Les Misérables is, among other things, the story of Jean Valjean (Hugh Jackman) and his road to redemption in nineteenth-century France. The film opens with Valjean a prisoner, because nineteen years ago he stole bread to try and save the life of his sister’s son. In prison, he is known as Prisoner 24601 to the menancing Inspector Javert (Russell Crowe). Eventually, Valjean is released from bondage and decides to reinvent himself as a businessman, establishing a factory that employs indigent women. One of these women, Fantine, is thrown out on the street for concealing an illegitimate child. She turns to prostitution to support her daughter, and eventually dies of consumption, leaving the little girl behind. Valjean, learning of Fantine’s destitution, promises to find and support the child, all the while pursued by the dogged Javert, who believes Valjean is “once a criminal, always a criminal.”
Les Mis — as it is called by many theatre fans worldwide — is one of the most well–known musicals of all time, adapted from an engrossing doorstop of a novel by Victor Hugo. The fact that director Tom Hooper (a 2011 Academy Award–winner for The King’s Speech) attempted to bring such real-life honesty to such a valued piece of writing is nothing short of commendable. Hooper’s set design team has crafted a remarkably genuine, lived-in reality for these characters to navigate: incredibly dingy, distressed sets that only enforce the bleakness of the film’s tone. Every character looks like he or she hasn’t had a bath in weeks and doesn’t know what a dentist is. Seeing all of this only drew me further into the world of Les Mis.

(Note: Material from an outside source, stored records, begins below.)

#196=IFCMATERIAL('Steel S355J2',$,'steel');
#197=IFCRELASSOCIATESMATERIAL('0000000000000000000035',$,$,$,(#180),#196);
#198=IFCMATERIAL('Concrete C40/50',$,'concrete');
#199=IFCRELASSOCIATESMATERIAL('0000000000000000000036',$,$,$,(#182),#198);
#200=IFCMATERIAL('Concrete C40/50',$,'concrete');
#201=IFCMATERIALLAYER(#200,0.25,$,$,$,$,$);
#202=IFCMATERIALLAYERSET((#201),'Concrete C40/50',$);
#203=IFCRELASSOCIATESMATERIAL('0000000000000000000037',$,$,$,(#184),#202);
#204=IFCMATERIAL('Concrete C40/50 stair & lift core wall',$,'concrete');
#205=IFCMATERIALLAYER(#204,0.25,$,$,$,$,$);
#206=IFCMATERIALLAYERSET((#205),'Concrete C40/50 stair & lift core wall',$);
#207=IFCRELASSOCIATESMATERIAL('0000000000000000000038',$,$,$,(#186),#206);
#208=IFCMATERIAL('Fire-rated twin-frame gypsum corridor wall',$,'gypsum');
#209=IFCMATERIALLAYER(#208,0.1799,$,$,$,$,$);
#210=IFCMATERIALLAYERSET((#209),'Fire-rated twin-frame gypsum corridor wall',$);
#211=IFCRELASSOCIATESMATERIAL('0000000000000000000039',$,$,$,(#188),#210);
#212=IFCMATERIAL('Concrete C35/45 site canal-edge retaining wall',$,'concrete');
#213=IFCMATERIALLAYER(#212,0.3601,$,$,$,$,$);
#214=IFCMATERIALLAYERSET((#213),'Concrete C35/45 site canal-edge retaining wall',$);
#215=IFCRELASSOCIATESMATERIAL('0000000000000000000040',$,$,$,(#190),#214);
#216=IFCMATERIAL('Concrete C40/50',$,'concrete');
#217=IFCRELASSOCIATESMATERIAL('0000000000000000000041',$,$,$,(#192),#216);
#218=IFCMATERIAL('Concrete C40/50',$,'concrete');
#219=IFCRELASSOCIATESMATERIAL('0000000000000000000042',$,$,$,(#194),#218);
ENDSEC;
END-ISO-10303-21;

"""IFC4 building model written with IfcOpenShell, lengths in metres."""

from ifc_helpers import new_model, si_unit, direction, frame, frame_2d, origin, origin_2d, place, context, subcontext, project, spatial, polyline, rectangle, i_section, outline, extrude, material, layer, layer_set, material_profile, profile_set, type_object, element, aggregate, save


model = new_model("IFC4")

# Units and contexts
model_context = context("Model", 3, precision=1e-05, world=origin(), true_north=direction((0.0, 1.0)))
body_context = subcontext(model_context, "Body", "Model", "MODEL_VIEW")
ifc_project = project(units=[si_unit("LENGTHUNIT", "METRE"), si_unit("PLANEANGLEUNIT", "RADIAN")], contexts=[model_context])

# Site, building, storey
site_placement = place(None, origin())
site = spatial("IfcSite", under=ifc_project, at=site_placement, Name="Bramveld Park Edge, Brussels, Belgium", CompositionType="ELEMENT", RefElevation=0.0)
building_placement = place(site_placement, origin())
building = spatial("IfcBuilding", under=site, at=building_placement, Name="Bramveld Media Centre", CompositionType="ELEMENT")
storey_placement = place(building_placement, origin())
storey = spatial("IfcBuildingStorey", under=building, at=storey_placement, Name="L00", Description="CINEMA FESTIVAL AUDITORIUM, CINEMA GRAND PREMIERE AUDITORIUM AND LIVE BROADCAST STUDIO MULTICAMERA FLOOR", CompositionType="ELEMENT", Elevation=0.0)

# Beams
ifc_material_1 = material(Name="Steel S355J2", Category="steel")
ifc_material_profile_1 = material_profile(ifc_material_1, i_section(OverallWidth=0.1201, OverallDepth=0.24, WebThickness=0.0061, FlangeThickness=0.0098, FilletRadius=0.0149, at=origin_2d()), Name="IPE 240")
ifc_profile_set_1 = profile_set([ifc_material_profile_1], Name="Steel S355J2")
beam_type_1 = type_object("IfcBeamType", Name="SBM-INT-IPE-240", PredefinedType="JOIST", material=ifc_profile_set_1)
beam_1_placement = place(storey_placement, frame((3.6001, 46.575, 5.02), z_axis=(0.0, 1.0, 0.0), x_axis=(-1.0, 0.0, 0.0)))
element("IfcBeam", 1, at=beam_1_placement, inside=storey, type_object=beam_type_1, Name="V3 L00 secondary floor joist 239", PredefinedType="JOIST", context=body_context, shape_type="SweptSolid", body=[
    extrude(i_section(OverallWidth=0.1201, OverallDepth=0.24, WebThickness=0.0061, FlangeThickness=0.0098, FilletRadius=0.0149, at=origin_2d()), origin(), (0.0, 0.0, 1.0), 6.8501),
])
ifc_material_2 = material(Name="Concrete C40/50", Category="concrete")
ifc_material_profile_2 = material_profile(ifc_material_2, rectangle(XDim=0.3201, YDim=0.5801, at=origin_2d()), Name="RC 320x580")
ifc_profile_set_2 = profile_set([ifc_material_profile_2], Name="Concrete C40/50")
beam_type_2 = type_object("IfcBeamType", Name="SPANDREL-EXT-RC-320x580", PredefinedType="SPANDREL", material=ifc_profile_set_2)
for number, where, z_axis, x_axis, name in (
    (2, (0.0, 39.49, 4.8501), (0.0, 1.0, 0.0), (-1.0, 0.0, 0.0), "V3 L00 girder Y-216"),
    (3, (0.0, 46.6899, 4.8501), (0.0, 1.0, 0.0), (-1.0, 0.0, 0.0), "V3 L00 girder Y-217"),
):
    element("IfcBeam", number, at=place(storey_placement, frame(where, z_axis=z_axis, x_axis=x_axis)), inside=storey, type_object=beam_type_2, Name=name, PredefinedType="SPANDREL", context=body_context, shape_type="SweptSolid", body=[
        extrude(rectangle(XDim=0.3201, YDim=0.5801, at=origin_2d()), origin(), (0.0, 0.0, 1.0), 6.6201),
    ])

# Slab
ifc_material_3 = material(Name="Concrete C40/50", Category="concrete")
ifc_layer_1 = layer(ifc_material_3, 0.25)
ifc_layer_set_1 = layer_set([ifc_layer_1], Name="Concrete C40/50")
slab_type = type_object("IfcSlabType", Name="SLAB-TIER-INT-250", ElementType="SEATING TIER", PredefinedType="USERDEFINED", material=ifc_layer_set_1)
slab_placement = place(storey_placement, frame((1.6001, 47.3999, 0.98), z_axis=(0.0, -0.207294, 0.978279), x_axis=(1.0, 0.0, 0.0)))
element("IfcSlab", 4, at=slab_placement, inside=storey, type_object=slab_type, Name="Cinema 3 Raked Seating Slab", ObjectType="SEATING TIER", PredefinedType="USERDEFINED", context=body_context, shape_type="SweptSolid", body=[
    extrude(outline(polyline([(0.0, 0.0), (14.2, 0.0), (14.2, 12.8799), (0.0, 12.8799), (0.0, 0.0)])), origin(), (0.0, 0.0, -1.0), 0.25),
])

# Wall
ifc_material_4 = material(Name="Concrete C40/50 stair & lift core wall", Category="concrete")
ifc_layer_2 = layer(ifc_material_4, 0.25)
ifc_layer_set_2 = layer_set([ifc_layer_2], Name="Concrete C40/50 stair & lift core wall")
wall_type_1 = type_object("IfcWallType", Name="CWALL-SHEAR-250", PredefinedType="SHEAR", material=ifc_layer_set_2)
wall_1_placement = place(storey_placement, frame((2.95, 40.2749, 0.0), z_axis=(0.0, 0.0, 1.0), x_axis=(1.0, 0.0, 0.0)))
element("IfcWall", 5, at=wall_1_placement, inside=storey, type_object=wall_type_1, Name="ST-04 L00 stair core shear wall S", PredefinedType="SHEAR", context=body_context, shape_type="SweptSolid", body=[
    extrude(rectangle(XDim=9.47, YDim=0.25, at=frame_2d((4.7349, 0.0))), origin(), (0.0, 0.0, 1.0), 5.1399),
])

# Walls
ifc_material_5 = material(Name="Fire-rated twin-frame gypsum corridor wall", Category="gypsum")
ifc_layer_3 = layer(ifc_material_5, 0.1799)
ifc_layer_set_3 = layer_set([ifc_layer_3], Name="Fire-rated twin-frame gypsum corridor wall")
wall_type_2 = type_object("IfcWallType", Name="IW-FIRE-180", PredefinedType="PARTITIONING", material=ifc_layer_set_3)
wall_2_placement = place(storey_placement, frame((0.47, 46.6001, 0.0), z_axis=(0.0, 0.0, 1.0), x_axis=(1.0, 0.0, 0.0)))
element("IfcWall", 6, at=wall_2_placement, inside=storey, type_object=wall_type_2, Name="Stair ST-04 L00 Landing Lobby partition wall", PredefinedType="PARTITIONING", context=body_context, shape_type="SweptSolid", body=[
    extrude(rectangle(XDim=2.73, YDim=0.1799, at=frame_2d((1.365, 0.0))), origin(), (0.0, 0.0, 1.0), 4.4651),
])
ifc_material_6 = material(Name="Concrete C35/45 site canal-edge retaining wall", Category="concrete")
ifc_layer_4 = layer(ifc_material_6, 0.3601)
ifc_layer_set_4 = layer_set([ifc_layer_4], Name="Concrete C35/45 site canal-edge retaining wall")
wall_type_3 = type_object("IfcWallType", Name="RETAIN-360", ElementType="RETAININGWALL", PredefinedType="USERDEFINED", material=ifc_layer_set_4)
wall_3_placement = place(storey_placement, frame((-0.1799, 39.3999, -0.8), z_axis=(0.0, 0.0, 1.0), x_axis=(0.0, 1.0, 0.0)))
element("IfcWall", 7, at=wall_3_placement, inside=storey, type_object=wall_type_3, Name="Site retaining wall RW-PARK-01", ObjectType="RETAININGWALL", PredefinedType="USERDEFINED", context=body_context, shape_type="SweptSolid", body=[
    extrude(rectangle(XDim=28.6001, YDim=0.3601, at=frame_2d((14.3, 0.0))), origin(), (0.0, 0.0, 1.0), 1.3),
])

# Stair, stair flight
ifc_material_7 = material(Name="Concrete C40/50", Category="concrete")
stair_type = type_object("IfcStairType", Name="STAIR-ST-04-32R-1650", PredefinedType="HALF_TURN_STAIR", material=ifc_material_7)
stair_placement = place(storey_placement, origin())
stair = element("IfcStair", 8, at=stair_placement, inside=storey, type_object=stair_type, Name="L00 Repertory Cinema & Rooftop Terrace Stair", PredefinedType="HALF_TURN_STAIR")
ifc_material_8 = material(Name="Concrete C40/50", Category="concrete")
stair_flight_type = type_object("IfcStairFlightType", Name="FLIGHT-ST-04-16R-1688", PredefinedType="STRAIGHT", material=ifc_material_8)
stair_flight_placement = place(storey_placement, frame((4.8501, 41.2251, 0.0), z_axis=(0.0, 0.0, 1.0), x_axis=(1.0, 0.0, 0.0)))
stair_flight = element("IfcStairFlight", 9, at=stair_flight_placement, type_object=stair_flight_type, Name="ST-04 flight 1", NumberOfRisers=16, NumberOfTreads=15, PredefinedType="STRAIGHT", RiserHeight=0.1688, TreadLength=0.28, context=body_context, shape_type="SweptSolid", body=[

The cast is almost universally exceptional, particularly Hugh Jackman and Anne Hathaway, who are magic as Valjean and Fantine, respectively. Hathaway’s Fantine is on screen for no more than a cumulative twenty minutes, but in those minutes she managed to both move me emotionally and break my heart. Among the supporting cast, Sacha Baron Cohen and Helena Bonham Carter do a decent job of providing some much needed levity to such a depressing film with their rendition of “Master of the House.” Also noteworthy — and particularly impressive — are the child actors, who really convey a sense of all that these children were forced to deal with in trying to survive in France.
Les Mis is unique — even among musicals — in that it is “sung-through,” meaning that almost all of the dialogue included in the film is delivered in song. While this is certainly impressive, this is also the film’s biggest problem. Even though I felt emotionally connected to all that was occurring, having everything constantly sung at me grew stale rather quickly. With the quantity and quality of singing on display in the film, the worst performance was given by Russell Crowe as the dogged Javert. While Javert’s passion for capturing his former prisoner Valjean was abundantly clear, Crowe’s garage rock voice was not at all suited to the operatic style other performers were bringing to the table.
I couldn’t help noticing that Amanda Seyfried, as the adult version of Fantine’s orphaned daughter Cossette, has a voice very similar to the Disney princess Snow White. There were a few moments when I found her vocals a bit too high-pitched, but she still managed to give an engaging performance as the love interest to Eddie Redmayne’s young revolutionary Marius.
Overall, Les Mis is a very honest adaptation that should move fans of musicals and, at the very least, intrigue general audiences. Should you choose to see it, it shouldn’t be hard to find.